Arrow backends
Conecta currently supports three arrow backends:
The default one is pyarrow
, you can change it with return_backend
from conecta import read_sql
table = read_sql(
"postgres://user:password@localhost:5432",
queries=['select l_orderkey from lineitem'],
partition_on='l_orderkey',
partition_num=4,
return_backend='arro3' # <--------- change here
)
Why different arrow backends?
Libraries like pyarrow
or nanoarrow
are implementations of the arrow specification,
which is not tied to a programming language, each have different properties and advantages
that you can take advantage of.

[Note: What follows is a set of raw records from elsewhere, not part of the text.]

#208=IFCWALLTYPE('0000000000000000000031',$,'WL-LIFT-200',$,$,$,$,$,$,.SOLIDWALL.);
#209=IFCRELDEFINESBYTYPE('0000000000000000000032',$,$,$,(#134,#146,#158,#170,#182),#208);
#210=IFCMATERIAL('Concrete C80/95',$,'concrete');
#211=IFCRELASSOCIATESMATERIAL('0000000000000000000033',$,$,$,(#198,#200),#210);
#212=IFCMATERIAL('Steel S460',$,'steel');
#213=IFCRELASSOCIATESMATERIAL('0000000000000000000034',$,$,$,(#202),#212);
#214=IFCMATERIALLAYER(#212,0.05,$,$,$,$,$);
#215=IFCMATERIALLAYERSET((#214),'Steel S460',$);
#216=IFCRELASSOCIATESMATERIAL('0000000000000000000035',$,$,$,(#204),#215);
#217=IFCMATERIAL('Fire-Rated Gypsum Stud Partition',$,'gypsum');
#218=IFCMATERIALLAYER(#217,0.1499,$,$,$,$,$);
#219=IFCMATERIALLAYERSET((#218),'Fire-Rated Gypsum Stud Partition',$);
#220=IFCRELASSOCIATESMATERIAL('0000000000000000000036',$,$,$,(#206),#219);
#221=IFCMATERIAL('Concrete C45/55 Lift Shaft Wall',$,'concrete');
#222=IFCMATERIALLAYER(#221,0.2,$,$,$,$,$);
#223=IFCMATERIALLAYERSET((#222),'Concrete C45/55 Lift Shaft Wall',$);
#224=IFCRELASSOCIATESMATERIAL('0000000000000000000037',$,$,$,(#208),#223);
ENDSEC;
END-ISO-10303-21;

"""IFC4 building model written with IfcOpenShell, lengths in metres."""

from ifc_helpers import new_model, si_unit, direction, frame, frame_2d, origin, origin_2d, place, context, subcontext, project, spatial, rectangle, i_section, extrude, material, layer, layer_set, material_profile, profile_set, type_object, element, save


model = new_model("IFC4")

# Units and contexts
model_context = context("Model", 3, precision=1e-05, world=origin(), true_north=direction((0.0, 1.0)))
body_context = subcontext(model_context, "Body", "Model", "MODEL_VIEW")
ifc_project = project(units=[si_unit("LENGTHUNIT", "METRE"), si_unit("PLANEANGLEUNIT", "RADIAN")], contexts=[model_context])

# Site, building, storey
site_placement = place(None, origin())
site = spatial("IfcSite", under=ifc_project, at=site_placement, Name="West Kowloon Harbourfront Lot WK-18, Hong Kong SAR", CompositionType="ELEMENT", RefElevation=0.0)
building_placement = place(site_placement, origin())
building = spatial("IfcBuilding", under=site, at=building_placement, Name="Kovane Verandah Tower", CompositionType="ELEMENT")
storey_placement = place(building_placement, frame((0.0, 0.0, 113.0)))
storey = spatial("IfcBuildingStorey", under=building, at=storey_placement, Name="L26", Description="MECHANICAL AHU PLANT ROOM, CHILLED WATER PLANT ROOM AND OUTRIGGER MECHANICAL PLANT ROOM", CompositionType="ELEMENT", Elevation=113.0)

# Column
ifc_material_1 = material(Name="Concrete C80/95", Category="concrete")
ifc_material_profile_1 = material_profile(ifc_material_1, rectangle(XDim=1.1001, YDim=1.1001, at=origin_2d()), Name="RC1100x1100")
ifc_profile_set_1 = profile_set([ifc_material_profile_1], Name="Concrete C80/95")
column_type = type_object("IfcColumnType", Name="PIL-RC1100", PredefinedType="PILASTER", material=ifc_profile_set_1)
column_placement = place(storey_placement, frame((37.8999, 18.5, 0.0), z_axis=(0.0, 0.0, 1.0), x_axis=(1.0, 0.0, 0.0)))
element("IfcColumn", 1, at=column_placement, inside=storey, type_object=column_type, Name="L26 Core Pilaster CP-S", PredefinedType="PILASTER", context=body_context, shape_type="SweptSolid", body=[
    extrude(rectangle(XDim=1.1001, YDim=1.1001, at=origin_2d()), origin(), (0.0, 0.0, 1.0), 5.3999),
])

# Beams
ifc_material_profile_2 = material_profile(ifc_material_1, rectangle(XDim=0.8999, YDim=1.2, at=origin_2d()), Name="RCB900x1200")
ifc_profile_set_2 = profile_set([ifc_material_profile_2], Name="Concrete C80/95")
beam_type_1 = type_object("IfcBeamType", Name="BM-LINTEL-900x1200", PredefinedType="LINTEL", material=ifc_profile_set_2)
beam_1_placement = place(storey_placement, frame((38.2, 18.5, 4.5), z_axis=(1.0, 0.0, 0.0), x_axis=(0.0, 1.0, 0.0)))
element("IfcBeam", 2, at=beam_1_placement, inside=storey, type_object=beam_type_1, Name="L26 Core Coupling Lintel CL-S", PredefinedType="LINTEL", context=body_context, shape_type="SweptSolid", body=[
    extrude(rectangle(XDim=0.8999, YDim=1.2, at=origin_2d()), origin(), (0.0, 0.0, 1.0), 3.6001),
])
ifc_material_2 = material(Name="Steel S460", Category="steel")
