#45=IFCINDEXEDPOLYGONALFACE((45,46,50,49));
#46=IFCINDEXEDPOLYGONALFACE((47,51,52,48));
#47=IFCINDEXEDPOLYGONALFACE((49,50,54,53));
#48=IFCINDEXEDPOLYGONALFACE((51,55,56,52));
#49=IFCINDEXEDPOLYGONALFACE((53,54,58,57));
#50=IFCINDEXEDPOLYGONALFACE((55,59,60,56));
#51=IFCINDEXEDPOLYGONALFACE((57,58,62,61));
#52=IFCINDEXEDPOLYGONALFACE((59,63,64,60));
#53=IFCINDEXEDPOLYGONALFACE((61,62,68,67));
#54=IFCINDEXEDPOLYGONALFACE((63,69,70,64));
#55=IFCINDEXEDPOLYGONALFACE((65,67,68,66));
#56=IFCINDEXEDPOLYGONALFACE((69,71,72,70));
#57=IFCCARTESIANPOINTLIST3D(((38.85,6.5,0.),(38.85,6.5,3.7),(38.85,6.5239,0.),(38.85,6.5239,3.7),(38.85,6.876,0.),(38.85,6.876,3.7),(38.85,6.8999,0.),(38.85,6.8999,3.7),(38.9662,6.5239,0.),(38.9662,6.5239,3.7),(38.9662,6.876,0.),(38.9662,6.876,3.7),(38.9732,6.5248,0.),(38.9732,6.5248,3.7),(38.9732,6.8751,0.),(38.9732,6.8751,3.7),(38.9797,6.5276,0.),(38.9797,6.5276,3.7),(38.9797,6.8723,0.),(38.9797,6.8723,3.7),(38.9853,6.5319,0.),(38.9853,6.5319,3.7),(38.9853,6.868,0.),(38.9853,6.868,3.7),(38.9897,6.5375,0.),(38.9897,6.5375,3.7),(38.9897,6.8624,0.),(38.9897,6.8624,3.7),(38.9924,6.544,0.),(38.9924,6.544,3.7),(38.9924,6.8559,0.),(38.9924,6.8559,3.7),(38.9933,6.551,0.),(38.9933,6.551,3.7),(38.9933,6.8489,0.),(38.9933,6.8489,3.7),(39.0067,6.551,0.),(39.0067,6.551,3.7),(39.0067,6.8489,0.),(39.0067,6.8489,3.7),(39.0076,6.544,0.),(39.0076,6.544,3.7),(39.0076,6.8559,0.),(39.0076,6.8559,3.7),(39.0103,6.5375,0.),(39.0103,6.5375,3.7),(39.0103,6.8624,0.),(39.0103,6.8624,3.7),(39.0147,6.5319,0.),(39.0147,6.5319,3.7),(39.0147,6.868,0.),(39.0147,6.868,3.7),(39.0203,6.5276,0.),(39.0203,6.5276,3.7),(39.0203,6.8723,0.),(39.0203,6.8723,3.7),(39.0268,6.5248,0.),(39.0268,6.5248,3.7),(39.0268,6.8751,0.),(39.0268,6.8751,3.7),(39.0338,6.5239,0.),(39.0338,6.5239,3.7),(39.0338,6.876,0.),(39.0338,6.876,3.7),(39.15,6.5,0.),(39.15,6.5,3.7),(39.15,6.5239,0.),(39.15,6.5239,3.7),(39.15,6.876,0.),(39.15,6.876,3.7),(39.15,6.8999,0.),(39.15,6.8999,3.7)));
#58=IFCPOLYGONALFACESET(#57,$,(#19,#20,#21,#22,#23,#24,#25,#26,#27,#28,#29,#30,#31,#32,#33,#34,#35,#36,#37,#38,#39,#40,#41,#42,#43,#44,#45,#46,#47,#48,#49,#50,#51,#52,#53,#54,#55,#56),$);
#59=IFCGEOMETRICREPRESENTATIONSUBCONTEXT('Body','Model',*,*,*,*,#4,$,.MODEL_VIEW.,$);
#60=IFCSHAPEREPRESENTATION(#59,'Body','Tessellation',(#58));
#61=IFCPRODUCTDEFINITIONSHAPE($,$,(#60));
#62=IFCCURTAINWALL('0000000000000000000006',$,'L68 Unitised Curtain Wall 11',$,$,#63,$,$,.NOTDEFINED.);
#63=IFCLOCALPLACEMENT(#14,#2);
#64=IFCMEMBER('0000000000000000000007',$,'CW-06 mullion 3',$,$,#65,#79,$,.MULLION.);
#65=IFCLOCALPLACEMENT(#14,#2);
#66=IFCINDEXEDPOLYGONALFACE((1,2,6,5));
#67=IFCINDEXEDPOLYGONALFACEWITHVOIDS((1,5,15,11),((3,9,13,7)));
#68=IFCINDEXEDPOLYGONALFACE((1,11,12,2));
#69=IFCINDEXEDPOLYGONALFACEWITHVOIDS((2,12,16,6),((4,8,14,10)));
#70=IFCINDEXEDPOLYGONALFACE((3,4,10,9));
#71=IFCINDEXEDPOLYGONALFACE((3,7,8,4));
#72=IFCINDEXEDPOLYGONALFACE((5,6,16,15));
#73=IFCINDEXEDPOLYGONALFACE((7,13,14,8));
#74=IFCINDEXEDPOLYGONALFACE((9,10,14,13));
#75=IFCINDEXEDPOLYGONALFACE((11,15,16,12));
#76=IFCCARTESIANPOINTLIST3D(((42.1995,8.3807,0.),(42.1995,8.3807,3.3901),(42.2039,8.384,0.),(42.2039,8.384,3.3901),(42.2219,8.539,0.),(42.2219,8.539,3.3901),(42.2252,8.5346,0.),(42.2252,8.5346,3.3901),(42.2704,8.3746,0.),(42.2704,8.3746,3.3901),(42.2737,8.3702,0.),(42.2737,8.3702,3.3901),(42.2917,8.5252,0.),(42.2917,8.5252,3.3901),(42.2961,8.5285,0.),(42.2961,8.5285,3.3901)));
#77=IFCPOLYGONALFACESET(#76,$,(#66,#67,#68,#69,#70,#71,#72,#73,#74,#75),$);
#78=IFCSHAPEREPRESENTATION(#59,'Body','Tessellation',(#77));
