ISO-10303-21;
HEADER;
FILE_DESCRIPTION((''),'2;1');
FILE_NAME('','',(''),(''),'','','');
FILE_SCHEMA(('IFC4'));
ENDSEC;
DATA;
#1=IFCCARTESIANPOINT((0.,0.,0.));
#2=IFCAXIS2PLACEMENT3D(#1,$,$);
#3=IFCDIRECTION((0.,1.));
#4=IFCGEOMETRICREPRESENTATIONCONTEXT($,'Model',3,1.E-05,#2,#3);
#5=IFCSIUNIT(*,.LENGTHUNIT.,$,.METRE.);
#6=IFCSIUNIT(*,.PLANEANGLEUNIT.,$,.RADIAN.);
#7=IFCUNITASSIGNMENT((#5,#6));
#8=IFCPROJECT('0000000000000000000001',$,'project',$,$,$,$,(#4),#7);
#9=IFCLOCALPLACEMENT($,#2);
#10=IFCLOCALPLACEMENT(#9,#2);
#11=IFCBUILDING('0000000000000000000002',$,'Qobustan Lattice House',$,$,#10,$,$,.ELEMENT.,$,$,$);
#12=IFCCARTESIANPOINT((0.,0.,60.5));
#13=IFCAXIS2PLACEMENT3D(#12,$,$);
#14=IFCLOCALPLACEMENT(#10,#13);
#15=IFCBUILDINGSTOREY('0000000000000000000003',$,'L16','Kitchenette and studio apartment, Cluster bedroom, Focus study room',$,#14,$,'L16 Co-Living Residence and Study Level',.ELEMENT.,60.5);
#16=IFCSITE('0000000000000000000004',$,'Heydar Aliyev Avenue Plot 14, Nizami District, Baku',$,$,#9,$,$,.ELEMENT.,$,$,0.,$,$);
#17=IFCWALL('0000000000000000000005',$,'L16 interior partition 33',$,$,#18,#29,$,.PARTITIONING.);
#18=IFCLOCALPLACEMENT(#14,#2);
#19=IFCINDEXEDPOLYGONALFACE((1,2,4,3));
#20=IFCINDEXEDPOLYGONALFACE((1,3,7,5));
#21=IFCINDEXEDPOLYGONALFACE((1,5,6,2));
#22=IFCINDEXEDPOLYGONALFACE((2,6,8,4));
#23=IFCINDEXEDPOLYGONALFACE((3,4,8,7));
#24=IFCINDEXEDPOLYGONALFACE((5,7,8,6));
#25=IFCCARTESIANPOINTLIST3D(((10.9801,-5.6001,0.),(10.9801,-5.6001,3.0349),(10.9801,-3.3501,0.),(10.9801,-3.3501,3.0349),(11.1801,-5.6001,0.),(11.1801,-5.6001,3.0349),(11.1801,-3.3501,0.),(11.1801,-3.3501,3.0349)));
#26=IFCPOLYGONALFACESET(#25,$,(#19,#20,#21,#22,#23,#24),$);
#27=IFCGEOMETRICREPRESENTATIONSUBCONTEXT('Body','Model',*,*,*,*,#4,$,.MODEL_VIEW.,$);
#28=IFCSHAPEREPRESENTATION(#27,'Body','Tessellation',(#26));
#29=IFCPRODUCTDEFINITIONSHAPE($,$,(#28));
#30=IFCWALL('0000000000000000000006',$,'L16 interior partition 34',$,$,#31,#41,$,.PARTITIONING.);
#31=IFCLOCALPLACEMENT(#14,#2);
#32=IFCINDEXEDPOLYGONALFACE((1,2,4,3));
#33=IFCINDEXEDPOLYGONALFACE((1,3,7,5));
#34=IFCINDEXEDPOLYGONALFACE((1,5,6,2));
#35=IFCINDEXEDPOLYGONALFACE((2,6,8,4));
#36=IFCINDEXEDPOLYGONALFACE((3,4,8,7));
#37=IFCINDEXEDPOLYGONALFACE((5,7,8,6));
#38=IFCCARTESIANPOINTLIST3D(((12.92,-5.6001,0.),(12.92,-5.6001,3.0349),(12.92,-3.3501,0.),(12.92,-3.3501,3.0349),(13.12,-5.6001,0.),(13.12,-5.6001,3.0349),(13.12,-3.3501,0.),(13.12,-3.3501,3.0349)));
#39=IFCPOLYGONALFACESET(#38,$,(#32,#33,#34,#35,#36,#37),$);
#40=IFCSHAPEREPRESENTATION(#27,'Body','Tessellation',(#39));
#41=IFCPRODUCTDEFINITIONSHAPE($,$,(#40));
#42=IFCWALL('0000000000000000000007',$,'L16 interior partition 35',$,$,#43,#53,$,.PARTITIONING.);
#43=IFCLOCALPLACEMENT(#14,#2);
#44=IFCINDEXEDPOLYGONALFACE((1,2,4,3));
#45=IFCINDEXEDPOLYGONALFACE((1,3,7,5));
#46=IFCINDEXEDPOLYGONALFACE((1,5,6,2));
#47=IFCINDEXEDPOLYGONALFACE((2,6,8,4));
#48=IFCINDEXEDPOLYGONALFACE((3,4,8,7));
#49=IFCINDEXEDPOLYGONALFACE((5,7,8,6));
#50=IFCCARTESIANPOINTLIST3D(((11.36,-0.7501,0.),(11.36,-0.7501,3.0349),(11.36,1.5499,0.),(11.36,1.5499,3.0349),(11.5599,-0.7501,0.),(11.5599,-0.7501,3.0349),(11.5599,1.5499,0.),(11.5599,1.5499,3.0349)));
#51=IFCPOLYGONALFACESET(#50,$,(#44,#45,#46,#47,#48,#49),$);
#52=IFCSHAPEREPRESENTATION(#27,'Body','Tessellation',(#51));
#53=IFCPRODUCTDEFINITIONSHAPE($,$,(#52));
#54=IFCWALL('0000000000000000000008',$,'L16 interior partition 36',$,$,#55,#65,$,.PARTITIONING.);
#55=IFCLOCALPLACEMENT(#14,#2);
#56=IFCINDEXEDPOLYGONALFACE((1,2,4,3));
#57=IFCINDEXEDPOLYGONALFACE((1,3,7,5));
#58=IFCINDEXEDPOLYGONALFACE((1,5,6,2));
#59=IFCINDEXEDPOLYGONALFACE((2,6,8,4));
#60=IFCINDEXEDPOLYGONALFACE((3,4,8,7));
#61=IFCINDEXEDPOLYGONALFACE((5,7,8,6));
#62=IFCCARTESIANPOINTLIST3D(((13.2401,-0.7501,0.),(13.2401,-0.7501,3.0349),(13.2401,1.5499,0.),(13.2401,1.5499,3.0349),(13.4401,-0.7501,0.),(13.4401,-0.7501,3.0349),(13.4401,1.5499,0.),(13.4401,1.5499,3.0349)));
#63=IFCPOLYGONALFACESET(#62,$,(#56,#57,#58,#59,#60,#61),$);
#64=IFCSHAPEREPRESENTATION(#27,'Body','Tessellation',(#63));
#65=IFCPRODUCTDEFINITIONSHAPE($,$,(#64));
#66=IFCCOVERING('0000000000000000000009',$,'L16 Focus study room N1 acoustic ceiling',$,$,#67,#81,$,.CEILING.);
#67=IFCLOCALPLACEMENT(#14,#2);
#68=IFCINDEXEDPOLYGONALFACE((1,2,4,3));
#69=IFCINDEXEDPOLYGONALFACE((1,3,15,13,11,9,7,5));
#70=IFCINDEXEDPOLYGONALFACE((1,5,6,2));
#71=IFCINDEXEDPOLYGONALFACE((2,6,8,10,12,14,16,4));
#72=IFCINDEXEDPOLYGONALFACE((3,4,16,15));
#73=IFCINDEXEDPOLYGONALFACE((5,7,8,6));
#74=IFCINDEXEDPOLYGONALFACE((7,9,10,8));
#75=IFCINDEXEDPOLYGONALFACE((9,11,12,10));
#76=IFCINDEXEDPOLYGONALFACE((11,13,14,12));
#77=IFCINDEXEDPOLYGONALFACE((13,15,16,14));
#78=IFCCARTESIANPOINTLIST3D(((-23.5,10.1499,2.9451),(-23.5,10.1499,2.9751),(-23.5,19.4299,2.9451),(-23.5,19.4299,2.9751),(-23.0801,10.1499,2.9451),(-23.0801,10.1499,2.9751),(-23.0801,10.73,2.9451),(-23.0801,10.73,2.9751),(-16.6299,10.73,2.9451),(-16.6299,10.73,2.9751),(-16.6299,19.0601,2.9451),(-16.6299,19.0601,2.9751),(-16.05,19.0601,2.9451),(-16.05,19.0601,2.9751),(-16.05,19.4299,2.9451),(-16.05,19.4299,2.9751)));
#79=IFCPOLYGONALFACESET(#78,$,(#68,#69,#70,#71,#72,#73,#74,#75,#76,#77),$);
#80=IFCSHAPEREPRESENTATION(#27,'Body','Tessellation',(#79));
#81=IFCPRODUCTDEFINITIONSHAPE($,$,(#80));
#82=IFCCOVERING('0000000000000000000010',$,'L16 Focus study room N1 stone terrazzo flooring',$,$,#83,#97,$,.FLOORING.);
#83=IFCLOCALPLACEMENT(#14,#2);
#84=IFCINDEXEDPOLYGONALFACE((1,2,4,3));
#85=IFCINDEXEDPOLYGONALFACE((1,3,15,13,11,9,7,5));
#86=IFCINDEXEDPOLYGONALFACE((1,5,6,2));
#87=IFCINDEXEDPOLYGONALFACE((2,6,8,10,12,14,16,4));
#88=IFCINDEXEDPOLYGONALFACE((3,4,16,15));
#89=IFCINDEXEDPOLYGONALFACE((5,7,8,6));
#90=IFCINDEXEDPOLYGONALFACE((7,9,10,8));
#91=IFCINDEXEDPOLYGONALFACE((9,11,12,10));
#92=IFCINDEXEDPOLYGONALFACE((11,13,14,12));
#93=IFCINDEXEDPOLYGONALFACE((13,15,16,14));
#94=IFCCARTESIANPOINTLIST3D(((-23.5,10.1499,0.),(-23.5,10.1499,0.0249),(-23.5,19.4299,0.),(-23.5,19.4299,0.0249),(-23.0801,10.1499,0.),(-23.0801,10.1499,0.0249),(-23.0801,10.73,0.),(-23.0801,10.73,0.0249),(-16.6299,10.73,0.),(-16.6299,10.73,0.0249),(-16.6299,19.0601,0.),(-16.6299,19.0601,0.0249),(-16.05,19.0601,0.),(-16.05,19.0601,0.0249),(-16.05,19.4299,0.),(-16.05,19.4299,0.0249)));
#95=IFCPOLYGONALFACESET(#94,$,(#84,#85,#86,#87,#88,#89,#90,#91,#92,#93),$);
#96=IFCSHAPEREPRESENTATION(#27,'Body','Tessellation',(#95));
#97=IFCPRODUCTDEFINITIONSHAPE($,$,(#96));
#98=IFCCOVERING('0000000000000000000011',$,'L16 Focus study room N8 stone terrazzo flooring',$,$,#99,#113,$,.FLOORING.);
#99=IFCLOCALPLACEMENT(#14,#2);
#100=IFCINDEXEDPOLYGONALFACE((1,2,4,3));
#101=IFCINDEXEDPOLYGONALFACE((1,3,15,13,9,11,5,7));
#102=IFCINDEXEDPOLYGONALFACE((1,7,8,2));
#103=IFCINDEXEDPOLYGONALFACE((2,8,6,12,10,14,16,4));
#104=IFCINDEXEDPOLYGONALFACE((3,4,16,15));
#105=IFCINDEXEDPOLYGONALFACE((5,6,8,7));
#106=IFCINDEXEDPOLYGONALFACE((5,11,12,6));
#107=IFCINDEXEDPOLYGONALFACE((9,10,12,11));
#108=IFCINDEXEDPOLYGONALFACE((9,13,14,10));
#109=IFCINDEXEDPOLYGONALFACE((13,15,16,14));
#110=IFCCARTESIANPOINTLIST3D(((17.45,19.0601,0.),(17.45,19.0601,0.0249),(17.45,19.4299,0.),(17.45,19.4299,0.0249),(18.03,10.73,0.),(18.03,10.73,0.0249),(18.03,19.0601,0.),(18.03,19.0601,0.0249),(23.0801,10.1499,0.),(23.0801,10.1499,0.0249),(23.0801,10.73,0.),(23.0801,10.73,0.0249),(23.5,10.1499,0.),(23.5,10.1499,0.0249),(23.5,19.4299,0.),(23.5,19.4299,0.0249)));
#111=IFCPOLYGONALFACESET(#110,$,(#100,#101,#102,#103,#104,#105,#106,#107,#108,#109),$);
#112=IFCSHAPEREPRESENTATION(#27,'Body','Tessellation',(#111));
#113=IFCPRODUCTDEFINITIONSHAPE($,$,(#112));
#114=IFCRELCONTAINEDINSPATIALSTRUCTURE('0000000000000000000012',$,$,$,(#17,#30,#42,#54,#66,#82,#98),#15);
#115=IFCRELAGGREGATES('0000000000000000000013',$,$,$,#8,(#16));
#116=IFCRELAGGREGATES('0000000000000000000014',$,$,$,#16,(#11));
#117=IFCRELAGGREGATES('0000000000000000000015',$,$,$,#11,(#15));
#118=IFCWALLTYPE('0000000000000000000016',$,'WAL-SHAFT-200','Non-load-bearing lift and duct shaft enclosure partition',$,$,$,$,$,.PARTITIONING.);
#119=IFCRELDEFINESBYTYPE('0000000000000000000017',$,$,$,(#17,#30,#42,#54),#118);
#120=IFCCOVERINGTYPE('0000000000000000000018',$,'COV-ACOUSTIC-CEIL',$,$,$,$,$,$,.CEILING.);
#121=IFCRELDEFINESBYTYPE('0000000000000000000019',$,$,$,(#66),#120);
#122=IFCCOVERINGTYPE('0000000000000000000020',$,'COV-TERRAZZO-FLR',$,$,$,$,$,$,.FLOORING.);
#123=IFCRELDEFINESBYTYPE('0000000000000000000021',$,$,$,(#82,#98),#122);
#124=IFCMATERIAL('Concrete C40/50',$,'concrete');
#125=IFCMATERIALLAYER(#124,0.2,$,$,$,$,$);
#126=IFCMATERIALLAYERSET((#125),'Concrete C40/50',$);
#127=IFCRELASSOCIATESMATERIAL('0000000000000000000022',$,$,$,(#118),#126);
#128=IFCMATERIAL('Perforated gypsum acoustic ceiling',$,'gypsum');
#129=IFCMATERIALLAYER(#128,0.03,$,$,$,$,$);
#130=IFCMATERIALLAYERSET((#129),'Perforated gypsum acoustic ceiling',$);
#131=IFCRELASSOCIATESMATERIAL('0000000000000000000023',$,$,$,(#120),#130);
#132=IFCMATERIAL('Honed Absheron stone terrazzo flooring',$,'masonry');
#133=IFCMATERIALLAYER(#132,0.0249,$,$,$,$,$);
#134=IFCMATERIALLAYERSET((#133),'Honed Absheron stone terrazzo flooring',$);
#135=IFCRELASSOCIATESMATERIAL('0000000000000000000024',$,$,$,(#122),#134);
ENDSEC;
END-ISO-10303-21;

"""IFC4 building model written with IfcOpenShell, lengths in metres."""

from ifc_helpers import new_model, si_unit, direction, frame, frame_2d, origin, place, context, subcontext, project, spatial, polyline, rectangle, outline, extrude, material, layer, layer_set, type_object, element, save


model = new_model("IFC4")

# Units and contexts
model_context = context("Model", 3, precision=1e-05, world=origin(), true_north=direction((0.0, 1.0)))
body_context = subcontext(model_context, "Body", "Model", "MODEL_VIEW")
ifc_project = project(units=[si_unit("LENGTHUNIT", "METRE"), si_unit("PLANEANGLEUNIT", "RADIAN")], contexts=[model_context])

# Site, building, storey
site_placement = place(None, origin())
site = spatial("IfcSite", under=ifc_project, at=site_placement, Name="Heydar Aliyev Avenue Plot 14, Nizami District, Baku", CompositionType="ELEMENT", RefElevation=0.0)
building_placement = place(site_placement, origin())
building = spatial("IfcBuilding", under=site, at=building_placement, Name="Qobustan Lattice House", CompositionType="ELEMENT")
storey_placement = place(building_placement, frame((0.0, 0.0, 60.5)))
storey = spatial("IfcBuildingStorey", under=building, at=storey_placement, Name="L16", Description="Kitchenette and studio apartment, Cluster bedroom, Focus study room", LongName="L16 Co-Living Residence and Study Level", CompositionType="ELEMENT", Elevation=60.5)

# Walls
ifc_material_1 = material(Name="Concrete C40/50", Category="concrete")
ifc_layer_1 = layer(ifc_material_1, 0.2)
ifc_layer_set_1 = layer_set([ifc_layer_1], Name="Concrete C40/50")
wall_type_1 = type_object("IfcWallType", Name="WAL-SHAFT-200", Description="Non-load-bearing lift and duct shaft enclosure partition", PredefinedType="PARTITIONING", material=ifc_layer_set_1)
for number, where, z_axis, x_axis, name in (
    (1, (11.0801, -5.6001, 0.0), (0.0, 0.0, 1.0), (0.0, 1.0, 0.0), "L16 interior partition 33"),
    (2, (13.02, -5.6001, 0.0), (0.0, 0.0, 1.0), (0.0, 1.0, 0.0), "L16 interior partition 34"),
):
    element("IfcWall", number, at=place(storey_placement, frame(where, z_axis=z_axis, x_axis=x_axis)), inside=storey, type_object=wall_type_1, Name=name, PredefinedType="PARTITIONING", context=body_context, shape_type="SweptSolid", body=[
        extrude(rectangle(XDim=2.25, YDim=0.2, at=frame_2d((1.125, 0.0))), origin(), (0.0, 0.0, 1.0), 3.0349),
    ])
for number, where, z_axis, x_axis, name in (
    (3, (11.46, -0.75, 0.0), (0.0, 0.0, 1.0), (0.0, 1.0, 0.0), "L16 interior partition 35"),
    (4, (13.3401, -0.75, 0.0), (0.0, 0.0, 1.0), (0.0, 1.0, 0.0), "L16 interior partition 36"),
):
    element("IfcWall", number, at=place(storey_placement, frame(where, z_axis=z_axis, x_axis=x_axis)), inside=storey, type_object=wall_type_1, Name=name, PredefinedType="PARTITIONING", context=body_context, shape_type="SweptSolid", body=[
        extrude(rectangle(XDim=2.3, YDim=0.2, at=frame_2d((1.1499, 0.0))), origin(), (0.0, 0.0, 1.0), 3.0349),
    ])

If you come across an advantage that is not documented here,
please contribute it!
arro3
The package size is significantly smaller (2.2-2.9MB) than pyarrow
's (26-45MB), depending on the
system.
It is less feature-complete but is perfectly fine if you are just loading data in e.g. Polars. Creating
a polars dataframe from an arro3
table can be measurably faster than pyarrow
in some datasets.
Additionally, releases are typically faster and paired with the latest arrow version.
import timeit
from conecta import read_sql
times = 10
result = timeit.timeit(
"""
t = read_sql(
"postgres://postgres:[email protected]:5400",
queries=['select l_orderkey from lineitem10x'],
partition_on='l_orderkey',
partition_num=4,
return_backend='arro3' # pyarrow
)
df = polars.from_arrow(t)
""", globals=globals(), number=times,
)
print(result / times)
0.4460104392997891s for pyarrow
0.33837970568998571s for arro3
In this benchmark arro3 is ~24% faster than pyarrow.
pyarrow
It Is the most popular one, feature-full and generally available in many environments, it is the default backend for compatability reasons. The main disadvantage is that it is very heavy dependency, and you might not need all the features.
nanoarrow
Returns an ArrayStream
which your application might benefit from.